А Аристарх Викентьевич мысленно ругался по иному поводу.
Точнее, по нескольким. Во-первых, он никак не мог понять, в чем и был солидарен с Дорониным, почему для расследования столь простого дела (убийца задержан, во всем признался) работали три следственные группы, когда достаточно одной, хотя бы той же Губчека? Во-вторых, непонятно: почему действия групп между собой никак не соприкасались? Точнее, почему Бокий приказал не контактировать с другими группами? Ведь допрашивали одних и тех же свидетелей.
Далее. Почему, по какой причине первый допрос убийцы произвели не Бокий или Яковлева, преемники Урицкого, чекисты, а комендант Петрограда Шатов? Причем допрос был проведен крайне бестолково и безграмотно. Почему убийцу сразу отвезли не в ЧК, а в здание Петросовета?
Вся эта туманность крайне нервировала опытного следователя.
Вдобавок ко всему Озеровского выводил из себя почерк матроса. Разобрать написанное Дорониным было все одно что с ходу расшифровывать древнеегипетские иероглифы.
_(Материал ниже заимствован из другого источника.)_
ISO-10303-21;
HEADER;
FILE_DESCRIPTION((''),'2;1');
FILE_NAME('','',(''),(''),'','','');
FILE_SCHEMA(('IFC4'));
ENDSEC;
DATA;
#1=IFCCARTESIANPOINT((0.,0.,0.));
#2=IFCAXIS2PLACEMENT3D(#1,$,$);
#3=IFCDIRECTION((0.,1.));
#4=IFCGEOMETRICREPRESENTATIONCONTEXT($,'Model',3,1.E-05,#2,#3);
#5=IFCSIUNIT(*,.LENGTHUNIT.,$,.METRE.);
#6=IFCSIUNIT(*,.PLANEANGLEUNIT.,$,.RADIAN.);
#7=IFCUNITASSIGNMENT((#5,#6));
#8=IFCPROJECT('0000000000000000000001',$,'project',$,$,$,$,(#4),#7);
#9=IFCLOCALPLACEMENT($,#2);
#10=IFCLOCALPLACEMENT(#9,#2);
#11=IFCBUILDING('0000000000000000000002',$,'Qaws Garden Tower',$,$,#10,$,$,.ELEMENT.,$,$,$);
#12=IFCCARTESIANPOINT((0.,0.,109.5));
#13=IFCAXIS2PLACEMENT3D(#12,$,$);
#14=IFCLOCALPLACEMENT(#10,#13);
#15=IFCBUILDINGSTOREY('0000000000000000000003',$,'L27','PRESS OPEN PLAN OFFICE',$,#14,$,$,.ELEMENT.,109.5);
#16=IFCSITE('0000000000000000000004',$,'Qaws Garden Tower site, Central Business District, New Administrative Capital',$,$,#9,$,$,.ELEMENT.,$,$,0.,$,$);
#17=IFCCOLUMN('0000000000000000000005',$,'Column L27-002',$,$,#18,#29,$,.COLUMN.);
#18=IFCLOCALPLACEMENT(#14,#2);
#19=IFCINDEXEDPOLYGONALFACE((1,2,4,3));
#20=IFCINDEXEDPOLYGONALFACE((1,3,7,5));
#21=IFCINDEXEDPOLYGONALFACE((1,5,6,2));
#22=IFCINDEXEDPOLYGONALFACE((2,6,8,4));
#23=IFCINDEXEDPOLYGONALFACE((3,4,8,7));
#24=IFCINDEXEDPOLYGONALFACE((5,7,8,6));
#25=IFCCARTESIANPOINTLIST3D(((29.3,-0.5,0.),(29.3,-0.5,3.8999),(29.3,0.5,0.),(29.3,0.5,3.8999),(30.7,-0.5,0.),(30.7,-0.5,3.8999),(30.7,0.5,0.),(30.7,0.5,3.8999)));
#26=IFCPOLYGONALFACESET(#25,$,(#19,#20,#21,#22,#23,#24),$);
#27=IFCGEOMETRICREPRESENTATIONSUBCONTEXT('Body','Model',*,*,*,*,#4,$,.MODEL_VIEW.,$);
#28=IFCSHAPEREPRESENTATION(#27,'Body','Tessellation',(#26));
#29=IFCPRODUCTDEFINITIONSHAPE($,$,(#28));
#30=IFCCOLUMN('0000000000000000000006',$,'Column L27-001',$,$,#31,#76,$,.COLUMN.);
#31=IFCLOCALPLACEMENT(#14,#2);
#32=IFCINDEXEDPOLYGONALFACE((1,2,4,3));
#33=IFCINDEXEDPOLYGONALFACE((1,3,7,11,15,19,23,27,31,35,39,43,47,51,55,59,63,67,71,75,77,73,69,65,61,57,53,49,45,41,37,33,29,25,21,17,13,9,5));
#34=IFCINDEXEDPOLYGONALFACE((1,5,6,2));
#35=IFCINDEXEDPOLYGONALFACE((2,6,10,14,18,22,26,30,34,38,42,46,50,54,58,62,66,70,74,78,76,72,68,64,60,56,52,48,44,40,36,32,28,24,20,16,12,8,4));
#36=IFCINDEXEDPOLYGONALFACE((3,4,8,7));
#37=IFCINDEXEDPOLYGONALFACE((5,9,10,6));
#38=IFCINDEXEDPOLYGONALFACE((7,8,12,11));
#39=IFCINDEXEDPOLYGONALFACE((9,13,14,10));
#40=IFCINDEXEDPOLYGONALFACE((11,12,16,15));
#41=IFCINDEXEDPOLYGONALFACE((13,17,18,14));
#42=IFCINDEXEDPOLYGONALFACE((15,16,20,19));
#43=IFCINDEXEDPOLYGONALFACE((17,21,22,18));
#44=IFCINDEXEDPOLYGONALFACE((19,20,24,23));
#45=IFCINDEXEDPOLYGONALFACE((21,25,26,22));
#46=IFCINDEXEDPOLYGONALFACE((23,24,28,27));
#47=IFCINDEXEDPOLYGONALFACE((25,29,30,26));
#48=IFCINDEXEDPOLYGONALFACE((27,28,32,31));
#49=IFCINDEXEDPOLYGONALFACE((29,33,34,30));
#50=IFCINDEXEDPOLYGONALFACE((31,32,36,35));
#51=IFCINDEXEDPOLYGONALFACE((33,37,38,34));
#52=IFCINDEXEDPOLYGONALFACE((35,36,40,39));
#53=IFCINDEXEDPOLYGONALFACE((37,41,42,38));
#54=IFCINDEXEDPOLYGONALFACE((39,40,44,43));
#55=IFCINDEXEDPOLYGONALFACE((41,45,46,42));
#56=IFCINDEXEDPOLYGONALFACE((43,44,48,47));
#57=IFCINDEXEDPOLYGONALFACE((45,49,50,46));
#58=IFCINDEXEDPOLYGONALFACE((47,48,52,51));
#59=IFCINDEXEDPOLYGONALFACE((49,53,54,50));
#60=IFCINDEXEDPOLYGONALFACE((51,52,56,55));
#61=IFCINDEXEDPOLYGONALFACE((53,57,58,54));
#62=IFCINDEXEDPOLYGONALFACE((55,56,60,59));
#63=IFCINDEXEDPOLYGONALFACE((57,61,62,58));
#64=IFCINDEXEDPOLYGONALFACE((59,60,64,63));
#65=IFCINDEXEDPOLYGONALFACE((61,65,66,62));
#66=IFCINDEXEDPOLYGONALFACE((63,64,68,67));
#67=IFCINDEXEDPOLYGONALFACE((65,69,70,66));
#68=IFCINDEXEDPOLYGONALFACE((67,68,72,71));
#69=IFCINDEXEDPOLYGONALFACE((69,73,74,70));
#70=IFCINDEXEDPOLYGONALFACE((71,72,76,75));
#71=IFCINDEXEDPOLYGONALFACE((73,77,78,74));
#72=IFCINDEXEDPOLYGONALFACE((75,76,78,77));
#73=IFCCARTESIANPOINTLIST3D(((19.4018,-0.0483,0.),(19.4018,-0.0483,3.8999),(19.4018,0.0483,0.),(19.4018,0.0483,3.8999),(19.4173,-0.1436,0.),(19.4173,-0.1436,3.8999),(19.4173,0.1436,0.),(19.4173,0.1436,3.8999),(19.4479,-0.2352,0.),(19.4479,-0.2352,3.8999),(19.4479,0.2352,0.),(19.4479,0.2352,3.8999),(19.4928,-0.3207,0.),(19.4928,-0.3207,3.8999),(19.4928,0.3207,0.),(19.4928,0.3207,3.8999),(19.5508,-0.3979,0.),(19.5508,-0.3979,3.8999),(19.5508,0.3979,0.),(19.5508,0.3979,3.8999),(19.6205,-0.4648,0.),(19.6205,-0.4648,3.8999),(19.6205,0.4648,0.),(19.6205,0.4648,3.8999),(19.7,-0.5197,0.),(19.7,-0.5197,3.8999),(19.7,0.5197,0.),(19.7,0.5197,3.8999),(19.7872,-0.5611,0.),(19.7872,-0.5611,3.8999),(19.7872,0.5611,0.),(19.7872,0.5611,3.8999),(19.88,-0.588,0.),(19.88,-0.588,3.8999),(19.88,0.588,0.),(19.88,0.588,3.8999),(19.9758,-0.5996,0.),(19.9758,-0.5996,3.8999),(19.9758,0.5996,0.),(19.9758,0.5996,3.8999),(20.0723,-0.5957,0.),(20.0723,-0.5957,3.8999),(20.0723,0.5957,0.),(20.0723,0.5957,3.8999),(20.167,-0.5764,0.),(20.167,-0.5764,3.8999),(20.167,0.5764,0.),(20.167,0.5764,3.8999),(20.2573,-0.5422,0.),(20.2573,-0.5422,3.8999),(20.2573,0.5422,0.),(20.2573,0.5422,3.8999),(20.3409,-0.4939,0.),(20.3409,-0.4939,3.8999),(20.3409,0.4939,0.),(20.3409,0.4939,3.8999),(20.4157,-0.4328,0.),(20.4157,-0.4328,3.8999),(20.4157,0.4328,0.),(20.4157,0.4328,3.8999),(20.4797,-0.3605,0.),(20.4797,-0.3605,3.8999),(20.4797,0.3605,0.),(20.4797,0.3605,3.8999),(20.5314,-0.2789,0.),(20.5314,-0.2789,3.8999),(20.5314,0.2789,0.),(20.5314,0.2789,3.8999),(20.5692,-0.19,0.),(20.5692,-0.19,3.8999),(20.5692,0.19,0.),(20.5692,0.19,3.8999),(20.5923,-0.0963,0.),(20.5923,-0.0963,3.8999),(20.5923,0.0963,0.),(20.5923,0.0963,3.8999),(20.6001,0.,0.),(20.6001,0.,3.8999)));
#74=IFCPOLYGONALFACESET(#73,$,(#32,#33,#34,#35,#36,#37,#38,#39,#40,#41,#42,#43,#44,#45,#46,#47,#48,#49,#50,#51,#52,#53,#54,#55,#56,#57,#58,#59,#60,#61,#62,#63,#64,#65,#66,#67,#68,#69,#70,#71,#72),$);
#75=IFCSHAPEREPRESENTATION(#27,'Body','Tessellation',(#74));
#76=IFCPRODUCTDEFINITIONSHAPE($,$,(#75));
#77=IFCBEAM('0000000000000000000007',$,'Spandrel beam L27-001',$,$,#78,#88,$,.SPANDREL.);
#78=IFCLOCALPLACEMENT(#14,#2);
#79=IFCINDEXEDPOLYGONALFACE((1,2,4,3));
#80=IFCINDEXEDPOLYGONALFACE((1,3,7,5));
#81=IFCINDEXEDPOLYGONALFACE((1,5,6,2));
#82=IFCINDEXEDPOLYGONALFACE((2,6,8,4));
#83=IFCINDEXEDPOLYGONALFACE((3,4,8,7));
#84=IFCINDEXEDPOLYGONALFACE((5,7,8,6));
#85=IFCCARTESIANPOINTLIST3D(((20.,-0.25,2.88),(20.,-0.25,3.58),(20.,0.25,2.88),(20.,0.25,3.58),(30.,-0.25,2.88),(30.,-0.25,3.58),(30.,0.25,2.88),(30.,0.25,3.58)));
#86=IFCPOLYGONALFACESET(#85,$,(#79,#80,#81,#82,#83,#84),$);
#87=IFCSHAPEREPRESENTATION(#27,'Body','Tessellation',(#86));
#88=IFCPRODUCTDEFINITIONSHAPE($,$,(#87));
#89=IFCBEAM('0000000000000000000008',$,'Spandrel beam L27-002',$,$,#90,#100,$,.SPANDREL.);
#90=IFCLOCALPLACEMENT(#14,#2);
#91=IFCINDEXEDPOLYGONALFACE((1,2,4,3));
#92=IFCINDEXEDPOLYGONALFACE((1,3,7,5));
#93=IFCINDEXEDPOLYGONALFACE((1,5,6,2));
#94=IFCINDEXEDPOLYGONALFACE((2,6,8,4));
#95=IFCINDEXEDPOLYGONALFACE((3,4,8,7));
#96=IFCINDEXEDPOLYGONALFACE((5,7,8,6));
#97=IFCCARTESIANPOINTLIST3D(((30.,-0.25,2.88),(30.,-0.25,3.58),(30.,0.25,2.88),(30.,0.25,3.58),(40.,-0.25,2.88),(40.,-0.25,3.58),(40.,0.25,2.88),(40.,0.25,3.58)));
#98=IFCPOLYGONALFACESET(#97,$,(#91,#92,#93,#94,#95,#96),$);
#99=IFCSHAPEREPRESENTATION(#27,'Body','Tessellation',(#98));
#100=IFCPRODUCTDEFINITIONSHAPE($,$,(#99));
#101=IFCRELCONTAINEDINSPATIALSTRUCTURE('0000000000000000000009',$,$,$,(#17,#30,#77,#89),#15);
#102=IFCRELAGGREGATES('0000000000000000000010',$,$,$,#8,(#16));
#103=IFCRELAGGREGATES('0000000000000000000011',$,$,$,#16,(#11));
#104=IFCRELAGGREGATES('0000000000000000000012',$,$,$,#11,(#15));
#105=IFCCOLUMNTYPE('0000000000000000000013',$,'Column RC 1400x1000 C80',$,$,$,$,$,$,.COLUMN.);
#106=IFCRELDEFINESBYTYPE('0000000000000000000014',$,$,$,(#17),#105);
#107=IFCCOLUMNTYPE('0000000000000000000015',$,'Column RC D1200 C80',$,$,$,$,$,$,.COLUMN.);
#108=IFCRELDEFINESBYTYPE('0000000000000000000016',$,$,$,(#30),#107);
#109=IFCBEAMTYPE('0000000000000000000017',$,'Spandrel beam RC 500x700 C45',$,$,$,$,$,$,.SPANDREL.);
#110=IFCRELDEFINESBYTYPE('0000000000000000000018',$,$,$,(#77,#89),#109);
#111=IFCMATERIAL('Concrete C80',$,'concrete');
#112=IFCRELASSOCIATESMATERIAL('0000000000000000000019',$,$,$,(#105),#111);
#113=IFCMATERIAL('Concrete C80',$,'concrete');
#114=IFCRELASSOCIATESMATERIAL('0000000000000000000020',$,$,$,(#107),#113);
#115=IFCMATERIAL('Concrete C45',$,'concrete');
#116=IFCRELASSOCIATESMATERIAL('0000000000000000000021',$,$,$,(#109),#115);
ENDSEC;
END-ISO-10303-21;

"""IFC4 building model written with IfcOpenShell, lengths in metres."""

from ifc_helpers import new_model, si_unit, direction, frame, origin, origin_2d, place, context, subcontext, project, spatial, rectangle, circle, extrude, material, material_profile, profile_set, type_object, element, save


model = new_model("IFC4")

# Units and contexts
model_context = context("Model", 3, precision=1e-05, world=origin(), true_north=direction((0.0, 1.0)))
body_context = subcontext(model_context, "Body", "Model", "MODEL_VIEW")
ifc_project = project(units=[si_unit("LENGTHUNIT", "METRE"), si_unit("PLANEANGLEUNIT", "RADIAN")], contexts=[model_context])

# Site, building, storey
site_placement = place(None, origin())
site = spatial("IfcSite", under=ifc_project, at=site_placement, Name="Qaws Garden Tower site, Central Business District, New Administrative Capital", CompositionType="ELEMENT", RefElevation=0.0)
building_placement = place(site_placement, origin())
building = spatial("IfcBuilding", under=site, at=building_placement, Name="Qaws Garden Tower", CompositionType="ELEMENT")
storey_placement = place(building_placement, frame((0.0, 0.0, 109.5)))
storey = spatial("IfcBuildingStorey", under=building, at=storey_placement, Name="L27", Description="PRESS OPEN PLAN OFFICE", CompositionType="ELEMENT", Elevation=109.5)

# Columns
ifc_material_1 = material(Name="Concrete C80", Category="concrete")
ifc_material_profile_1 = material_profile(ifc_material_1, rectangle(XDim=1.3999, YDim=1.0, at=origin_2d()), Name="RC 1400x1000")
ifc_profile_set_1 = profile_set([ifc_material_profile_1], Name="Concrete C80")
column_type_1 = type_object("IfcColumnType", Name="Column RC 1400x1000 C80", PredefinedType="COLUMN", material=ifc_profile_set_1)
column_1_placement = place(storey_placement, frame((30.0, 0.0, 0.0), z_axis=(0.0, 0.0, 1.0), x_axis=(1.0, 0.0, 0.0)))
element("IfcColumn", 1, at=column_1_placement, inside=storey, type_object=column_type_1, Name="Column L27-002", PredefinedType="COLUMN", context=body_context, shape_type="SweptSolid", body=[
    extrude(rectangle(XDim=1.3999, YDim=1.0, at=origin_2d()), origin(), (0.0, 0.0, 1.0), 3.8999),
])
ifc_material_2 = material(Name="Concrete C80", Category="concrete")
ifc_material_profile_2 = material_profile(ifc_material_2, circle(Radius=0.6001, at=origin_2d()), Name="RC D1200")
ifc_profile_set_2 = profile_set([ifc_material_profile_2], Name="Concrete C80")
column_type_2 = type_object("IfcColumnType", Name="Column RC D1200 C80", PredefinedType="COLUMN", material=ifc_profile_set_2)
column_2_placement = place(storey_placement, frame((20.0, 0.0, 0.0), z_axis=(0.0, 0.0, 1.0), x_axis=(1.0, 0.0, 0.0)))
element("IfcColumn", 2, at=column_2_placement, inside=storey, type_object=column_type_2, Name="Column L27-001", PredefinedType="COLUMN", context=body_context, shape_type="SweptSolid", body=[
    extrude(circle(Radius=0.6001, at=origin_2d()), origin(), (0.0, 0.0, 1.0), 3.8999),
])

# Beams
ifc_material_3 = material(Name="Concrete C45", Category="concrete")
ifc_material_profile_3 = material_profile(ifc_material_3, rectangle(XDim=0.5, YDim=0.7, at=origin_2d()), Name="RC 500x700")
ifc_profile_set_3 = profile_set([ifc_material_profile_3], Name="Concrete C45")
beam_type = type_object("IfcBeamType", Name="Spandrel beam RC 500x700 C45", PredefinedType="SPANDREL", material=ifc_profile_set_3)
for number, where, z_axis, x_axis, name in (
    (3, (20.0, 0.0, 3.23), (1.0, 0.0, 0.0), (0.0, 1.0, 0.0), "Spandrel beam L27-001"),
    (4, (30.0, 0.0, 3.23), (1.0, 0.0, 0.0), (0.0, 1.0, 0.0), "Spandrel beam L27-002"),
):
    element("IfcBeam", number, at=place(storey_placement, frame(where, z_axis=z_axis, x_axis=x_axis)), inside=storey, type_object=beam_type, Name=name, PredefinedType="SPANDREL", context=body_context, shape_type="SweptSolid", body=[
        extrude(rectangle(XDim=0.5, YDim=0.7, at=origin_2d()), origin(), (0.0, 0.0, 1.0), 10.0),
    ])

save(model, "model.ifc")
Буквы, написанные мозолистой рукой матроса, напоминали крючки, которые жили на бумаге самостоятельно, даже не цепляясь друг за друга. Между ними оставалось такое расстояние, в которое Озеровский при желании смог бы вставить целое слово. Оттого смысл не то что предложения, а одного словосочетания полностью терялся, исчезал в таинстве доронинской криптографии.
– Простите, не поможете? Что это за слово? – следователь протянул протокол чекисту. – Пре… При…
Указательный палец Озеровского ткнул в написанное. Демьян Федорович присмотрелся.
– Предупредительный выстрел. Шматко так сказал. Фролов сделал, после чего Канегиссер сдался.
– Понятно. – Аристарх Викентьевич едва сдержал недовольный выдох. – Фролов и Сингайло подтверждают слова Шматко?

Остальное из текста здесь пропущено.